Economic and quality of life burden of anemia on patients with CKD on dialysis: a systematic review

Abstract Aims: The overall cost and health-related quality of life (HRQoL) associated with current treatments for chronic kidney disease (CKD)-related anemia are not well characterized. A systematic literature review (SLR) was conducted on the costs and HRQoL associated with current treatments for CKD-related anemia among dialysis-dependent (DD) patients. Materials and methods: The authors searched the Cochrane Library, MEDLINE, EMBASE, NHS EED, and NHS HTA for English-language publications. Original studies published between January 1, 2000 and March 17, 2017 meeting the following criteria were included: adult population; study focus was CKD-related anemia; included results on patients receiving iron supplementation, red blood cell transfusion, or erythropoiesis stimulating agents (ESAs); reported results on HRQoL and/or costs. Studies which included patients with DD-CKD, did not directly compare different treatments, and had designs relevant to the objective were retained. HRQoL and cost outcomes, including healthcare resource utilization (HRU), were extracted and summarized in a narrative synthesis. Results: A total of 1,625 publications were retrieved, 15 of which met all inclusion criteria. All identified studies included ESAs as a treatment of interest. Two randomized controlled trials reported that ESA treatment improves HRQoL relative to placebo. Across eight studies comparing HRQoL of patients achieving high vs low hemoglobin (Hb) targets, aiming for higher Hb targets with ESAs generally led to modest HRQoL improvements. Two studies reported that ESA-treated patients had lower costs and HRU compared to untreated patients.

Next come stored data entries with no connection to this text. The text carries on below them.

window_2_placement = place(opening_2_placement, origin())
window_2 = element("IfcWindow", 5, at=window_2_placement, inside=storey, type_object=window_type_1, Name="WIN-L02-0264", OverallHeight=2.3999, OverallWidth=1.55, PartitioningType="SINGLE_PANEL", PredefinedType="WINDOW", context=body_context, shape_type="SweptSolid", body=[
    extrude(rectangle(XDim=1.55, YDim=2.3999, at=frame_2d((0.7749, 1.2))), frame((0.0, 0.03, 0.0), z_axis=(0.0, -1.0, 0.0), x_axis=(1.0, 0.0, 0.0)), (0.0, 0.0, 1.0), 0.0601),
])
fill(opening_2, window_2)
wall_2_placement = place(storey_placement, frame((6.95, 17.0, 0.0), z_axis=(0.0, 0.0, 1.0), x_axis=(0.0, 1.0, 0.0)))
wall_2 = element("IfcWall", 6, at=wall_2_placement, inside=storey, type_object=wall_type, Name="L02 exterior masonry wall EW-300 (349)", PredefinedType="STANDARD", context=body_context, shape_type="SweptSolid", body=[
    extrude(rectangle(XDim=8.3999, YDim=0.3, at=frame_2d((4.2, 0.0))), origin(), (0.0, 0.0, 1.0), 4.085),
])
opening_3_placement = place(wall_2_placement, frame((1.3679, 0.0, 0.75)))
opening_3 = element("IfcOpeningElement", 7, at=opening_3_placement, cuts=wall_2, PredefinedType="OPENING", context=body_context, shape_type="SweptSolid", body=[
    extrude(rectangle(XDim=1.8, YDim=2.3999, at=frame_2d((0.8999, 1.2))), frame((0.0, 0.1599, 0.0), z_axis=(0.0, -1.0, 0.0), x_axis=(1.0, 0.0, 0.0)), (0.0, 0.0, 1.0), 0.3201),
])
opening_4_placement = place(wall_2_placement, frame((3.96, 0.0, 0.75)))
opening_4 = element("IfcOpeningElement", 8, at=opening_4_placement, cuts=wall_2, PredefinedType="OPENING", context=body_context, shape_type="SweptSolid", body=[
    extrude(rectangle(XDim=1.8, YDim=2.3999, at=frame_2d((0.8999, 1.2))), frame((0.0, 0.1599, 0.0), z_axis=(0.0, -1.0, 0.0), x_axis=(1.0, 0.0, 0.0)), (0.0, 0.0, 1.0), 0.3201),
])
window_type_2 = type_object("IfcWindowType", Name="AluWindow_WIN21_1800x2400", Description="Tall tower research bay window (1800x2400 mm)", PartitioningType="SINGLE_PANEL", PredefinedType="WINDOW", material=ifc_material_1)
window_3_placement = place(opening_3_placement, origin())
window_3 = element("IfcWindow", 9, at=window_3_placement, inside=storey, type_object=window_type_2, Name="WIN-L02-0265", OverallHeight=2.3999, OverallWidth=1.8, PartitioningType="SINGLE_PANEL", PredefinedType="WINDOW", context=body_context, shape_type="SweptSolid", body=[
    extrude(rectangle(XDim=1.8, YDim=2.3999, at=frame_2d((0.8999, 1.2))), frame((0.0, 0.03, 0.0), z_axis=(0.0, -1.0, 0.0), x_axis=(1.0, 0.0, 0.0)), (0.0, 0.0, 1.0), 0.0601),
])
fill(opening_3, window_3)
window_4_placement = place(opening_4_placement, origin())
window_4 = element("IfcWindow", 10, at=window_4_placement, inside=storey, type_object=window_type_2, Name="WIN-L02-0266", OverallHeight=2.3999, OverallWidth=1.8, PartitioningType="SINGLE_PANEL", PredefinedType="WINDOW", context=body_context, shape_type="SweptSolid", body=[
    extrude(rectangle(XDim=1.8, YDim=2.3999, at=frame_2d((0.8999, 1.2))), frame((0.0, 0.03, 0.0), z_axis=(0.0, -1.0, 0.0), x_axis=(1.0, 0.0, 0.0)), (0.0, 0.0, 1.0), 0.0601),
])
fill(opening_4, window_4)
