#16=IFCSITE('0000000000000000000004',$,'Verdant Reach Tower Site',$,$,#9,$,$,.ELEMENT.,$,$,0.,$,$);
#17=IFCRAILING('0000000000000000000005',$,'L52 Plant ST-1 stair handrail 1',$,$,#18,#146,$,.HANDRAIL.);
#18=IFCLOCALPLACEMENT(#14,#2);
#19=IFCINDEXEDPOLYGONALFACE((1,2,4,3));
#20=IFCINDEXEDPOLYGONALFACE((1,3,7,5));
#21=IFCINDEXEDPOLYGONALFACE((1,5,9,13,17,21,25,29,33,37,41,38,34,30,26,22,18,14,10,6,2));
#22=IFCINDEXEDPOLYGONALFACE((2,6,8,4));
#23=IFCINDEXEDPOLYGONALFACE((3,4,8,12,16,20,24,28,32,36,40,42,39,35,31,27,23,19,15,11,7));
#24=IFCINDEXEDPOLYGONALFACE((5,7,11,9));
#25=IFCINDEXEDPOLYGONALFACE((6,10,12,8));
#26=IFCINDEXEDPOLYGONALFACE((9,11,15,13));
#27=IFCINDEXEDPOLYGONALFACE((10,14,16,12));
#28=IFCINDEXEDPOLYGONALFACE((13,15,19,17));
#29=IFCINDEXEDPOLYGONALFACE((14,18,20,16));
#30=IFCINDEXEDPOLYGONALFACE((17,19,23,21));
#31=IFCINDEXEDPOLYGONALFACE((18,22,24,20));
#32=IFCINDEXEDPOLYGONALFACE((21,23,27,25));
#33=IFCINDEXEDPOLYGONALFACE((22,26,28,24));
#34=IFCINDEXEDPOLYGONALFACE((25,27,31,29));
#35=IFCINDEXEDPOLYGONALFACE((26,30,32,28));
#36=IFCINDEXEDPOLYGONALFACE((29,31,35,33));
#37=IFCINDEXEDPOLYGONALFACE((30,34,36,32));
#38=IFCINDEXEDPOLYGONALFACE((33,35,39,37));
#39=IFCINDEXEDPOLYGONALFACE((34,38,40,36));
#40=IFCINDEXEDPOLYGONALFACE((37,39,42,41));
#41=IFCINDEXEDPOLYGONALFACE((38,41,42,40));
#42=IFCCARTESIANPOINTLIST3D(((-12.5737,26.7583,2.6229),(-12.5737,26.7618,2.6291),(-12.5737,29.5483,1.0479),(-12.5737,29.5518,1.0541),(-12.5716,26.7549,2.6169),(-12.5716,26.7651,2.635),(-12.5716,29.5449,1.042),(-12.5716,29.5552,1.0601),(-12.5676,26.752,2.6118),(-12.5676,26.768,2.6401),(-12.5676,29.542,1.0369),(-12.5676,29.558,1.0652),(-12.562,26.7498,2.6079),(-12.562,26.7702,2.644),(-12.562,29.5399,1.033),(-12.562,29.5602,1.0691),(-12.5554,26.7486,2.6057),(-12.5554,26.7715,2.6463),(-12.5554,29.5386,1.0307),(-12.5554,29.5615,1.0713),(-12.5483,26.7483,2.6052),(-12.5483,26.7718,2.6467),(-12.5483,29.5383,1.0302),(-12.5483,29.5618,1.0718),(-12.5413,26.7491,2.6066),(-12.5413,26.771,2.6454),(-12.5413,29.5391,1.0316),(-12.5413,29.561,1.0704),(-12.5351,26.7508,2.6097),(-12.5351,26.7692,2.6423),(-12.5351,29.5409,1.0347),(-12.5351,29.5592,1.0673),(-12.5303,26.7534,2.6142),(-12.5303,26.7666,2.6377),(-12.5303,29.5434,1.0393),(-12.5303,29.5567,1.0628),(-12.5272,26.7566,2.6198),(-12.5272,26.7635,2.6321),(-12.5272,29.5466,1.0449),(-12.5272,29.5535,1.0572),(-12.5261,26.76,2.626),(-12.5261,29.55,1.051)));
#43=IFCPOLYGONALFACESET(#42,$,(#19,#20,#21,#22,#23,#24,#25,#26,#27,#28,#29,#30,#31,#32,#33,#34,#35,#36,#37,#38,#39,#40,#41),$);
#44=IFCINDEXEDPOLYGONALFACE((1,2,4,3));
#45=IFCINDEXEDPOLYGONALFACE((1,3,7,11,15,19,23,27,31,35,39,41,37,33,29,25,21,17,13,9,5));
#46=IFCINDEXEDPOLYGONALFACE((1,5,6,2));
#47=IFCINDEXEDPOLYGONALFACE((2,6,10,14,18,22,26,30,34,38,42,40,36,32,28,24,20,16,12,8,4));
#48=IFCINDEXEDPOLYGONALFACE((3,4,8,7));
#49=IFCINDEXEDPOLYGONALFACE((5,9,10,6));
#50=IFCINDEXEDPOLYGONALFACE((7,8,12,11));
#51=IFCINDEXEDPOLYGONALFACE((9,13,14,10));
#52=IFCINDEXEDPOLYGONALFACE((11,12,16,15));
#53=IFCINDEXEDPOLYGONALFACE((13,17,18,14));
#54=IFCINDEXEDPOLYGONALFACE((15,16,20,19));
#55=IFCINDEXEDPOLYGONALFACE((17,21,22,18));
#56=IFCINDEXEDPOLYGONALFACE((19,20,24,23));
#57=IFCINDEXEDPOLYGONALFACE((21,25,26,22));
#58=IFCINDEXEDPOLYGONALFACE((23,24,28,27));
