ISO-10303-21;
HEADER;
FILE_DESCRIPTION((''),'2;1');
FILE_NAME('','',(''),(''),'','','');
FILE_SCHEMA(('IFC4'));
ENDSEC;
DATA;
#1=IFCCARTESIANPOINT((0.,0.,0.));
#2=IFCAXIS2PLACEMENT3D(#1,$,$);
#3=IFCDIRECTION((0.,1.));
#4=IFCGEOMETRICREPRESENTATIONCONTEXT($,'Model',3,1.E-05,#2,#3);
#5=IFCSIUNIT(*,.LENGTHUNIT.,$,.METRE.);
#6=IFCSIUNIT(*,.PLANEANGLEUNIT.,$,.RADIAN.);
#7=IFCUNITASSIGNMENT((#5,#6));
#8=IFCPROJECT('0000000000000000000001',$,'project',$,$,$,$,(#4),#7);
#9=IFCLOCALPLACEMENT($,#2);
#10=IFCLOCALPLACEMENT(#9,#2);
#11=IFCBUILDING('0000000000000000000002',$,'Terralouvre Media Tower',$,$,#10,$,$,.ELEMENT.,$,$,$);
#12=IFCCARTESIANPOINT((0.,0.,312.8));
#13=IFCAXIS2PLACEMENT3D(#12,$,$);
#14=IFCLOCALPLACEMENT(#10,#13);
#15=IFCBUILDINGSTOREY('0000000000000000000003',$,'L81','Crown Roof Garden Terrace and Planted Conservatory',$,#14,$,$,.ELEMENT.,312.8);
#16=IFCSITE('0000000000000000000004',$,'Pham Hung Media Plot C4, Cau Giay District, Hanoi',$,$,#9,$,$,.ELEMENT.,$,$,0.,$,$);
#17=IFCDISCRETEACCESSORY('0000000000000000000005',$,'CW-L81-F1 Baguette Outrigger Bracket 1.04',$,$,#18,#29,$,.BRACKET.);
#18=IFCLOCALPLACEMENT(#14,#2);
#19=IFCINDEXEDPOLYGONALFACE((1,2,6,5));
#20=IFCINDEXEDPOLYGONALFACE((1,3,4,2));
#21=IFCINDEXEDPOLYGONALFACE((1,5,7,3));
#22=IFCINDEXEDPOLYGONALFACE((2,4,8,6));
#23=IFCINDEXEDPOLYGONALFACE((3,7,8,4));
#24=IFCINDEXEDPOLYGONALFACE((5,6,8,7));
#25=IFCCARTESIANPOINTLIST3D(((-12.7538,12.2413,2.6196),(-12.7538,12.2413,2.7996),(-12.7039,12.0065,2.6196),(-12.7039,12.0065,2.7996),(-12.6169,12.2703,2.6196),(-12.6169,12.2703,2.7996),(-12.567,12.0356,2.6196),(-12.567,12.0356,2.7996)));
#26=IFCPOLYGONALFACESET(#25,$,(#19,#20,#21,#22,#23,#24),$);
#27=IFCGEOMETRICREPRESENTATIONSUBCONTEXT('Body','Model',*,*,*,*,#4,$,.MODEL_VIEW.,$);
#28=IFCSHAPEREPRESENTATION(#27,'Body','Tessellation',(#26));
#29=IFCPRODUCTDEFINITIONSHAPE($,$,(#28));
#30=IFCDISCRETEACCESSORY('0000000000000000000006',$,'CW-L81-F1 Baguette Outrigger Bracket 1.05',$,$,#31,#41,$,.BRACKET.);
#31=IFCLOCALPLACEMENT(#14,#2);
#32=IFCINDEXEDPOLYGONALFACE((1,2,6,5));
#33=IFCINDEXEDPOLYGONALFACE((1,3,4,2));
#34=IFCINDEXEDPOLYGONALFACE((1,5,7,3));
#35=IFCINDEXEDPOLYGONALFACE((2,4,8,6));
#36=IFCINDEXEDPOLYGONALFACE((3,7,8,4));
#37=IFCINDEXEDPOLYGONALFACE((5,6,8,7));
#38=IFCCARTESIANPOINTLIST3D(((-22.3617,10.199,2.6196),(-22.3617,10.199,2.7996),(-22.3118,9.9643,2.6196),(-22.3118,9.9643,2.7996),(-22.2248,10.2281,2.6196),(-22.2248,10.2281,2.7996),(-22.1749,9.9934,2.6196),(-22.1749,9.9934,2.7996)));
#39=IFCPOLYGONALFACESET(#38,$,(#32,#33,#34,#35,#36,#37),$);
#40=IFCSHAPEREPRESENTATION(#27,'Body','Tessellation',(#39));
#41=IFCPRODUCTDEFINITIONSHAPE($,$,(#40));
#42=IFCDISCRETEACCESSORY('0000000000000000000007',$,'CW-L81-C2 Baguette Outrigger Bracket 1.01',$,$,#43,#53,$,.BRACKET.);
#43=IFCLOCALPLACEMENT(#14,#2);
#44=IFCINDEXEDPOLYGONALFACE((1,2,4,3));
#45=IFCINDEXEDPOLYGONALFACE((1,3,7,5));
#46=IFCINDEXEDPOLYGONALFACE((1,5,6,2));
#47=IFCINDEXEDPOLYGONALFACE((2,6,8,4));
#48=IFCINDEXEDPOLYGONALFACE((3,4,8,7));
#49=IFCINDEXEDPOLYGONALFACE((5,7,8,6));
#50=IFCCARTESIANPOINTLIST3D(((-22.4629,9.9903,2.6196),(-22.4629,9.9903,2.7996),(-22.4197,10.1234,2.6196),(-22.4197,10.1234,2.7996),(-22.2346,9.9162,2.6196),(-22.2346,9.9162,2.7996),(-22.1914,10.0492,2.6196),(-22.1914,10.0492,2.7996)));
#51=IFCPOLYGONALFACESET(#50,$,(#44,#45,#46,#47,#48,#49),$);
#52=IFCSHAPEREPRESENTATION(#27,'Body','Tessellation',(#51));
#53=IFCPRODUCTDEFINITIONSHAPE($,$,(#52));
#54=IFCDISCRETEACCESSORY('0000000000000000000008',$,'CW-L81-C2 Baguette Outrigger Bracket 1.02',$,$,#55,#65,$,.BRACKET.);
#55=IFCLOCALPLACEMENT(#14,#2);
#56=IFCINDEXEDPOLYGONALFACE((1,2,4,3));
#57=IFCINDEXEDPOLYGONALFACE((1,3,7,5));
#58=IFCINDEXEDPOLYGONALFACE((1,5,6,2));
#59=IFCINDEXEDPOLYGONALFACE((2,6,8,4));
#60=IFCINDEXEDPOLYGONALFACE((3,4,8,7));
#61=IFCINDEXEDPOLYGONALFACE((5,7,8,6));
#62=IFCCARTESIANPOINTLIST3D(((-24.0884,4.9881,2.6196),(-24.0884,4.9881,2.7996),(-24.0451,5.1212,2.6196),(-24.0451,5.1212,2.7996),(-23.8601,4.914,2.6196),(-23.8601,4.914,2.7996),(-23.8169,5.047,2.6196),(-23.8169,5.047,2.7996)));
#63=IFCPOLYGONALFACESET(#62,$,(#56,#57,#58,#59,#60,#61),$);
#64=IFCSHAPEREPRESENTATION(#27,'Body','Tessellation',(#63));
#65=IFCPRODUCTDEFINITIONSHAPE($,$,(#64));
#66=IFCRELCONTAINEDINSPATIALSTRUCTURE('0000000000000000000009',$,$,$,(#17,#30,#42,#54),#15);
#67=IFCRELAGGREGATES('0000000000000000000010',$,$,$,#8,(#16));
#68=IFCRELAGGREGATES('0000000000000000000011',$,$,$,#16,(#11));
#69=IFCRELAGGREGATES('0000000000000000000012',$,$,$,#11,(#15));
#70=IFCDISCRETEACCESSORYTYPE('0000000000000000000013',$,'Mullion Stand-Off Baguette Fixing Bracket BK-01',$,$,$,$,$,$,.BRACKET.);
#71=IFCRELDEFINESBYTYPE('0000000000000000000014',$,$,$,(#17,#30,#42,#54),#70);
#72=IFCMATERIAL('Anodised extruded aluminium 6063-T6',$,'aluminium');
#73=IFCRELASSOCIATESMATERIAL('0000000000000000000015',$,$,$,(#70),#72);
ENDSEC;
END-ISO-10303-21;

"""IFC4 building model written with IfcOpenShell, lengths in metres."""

from ifc_helpers import new_model, si_unit, direction, frame, origin, origin_2d, place, context, subcontext, project, spatial, rectangle, extrude, material, type_object, element, save


model = new_model("IFC4")

# Units and contexts
model_context = context("Model", 3, precision=1e-05, world=origin(), true_north=direction((0.0, 1.0)))
body_context = subcontext(model_context, "Body", "Model", "MODEL_VIEW")
ifc_project = project(units=[si_unit("LENGTHUNIT", "METRE"), si_unit("PLANEANGLEUNIT", "RADIAN")], contexts=[model_context])

# Site, building, storey
site_placement = place(None, origin())
site = spatial("IfcSite", under=ifc_project, at=site_placement, Name="Pham Hung Media Plot C4, Cau Giay District, Hanoi", CompositionType="ELEMENT", RefElevation=0.0)
building_placement = place(site_placement, origin())
building = spatial("IfcBuilding", under=site, at=building_placement, Name="Terralouvre Media Tower", CompositionType="ELEMENT")
storey_placement = place(building_placement, frame((0.0, 0.0, 312.8)))
storey = spatial("IfcBuildingStorey", under=building, at=storey_placement, Name="L81", Description="Crown Roof Garden Terrace and Planted Conservatory", CompositionType="ELEMENT", Elevation=312.8)

# Discrete accessories
ifc_material_1 = material(Name="Anodised extruded aluminium 6063-T6", Category="aluminium")
discrete_accessory_type = type_object("IfcDiscreteAccessoryType", Name="Mullion Stand-Off Baguette Fixing Bracket BK-01", PredefinedType="BRACKET", material=ifc_material_1)
for number, where, z_axis, x_axis, name in (
    (1, (-12.6604, 12.1384, 2.6196), (0.0, 0.0, 1.0), (-0.978148, -0.207912, 0.0), "CW-L81-F1 Baguette Outrigger Bracket 1.04"),
    (2, (-22.2683, 10.0962, 2.6196), (0.0, 0.0, 1.0), (-0.978148, -0.207912, 0.0), "CW-L81-F1 Baguette Outrigger Bracket 1.05"),
    (3, (-22.3271, 10.0198, 2.6196), (0.0, 0.0, 1.0), (-0.309018, -0.951056, 0.0), "CW-L81-C2 Baguette Outrigger Bracket 1.01"),
    (4, (-23.9526, 5.0176, 2.6196), (0.0, 0.0, 1.0), (-0.309018, -0.951056, 0.0), "CW-L81-C2 Baguette Outrigger Bracket 1.02"),
):
    element("IfcDiscreteAccessory", number, at=place(storey_placement, frame(where, z_axis=z_axis, x_axis=x_axis)), inside=storey, type_object=discrete_accessory_type, Name=name, PredefinedType="BRACKET", context=body_context, shape_type="SweptSolid", body=[
        extrude(rectangle(XDim=0.1399, YDim=0.24, at=origin_2d()), origin(), (0.0, 0.0, 1.0), 0.1799),
    ])

save(model, "model.ifc")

One study found that aiming for higher vs lower Hb targets led to reduced HRU, while two other reported that this led to a reduction in cost-effectiveness. Limitations: Heterogeneity of study designs and outcomes; a meta-analysis could not be performed. Conclusions: ESA-treated patients undergoing dialysis incurred lower costs, lower HRU, and had better HRQoL relative to ESA-untreated patients. However, treatment to higher Hb targets led to modest HRQoL improvements compared to lower Hb targets.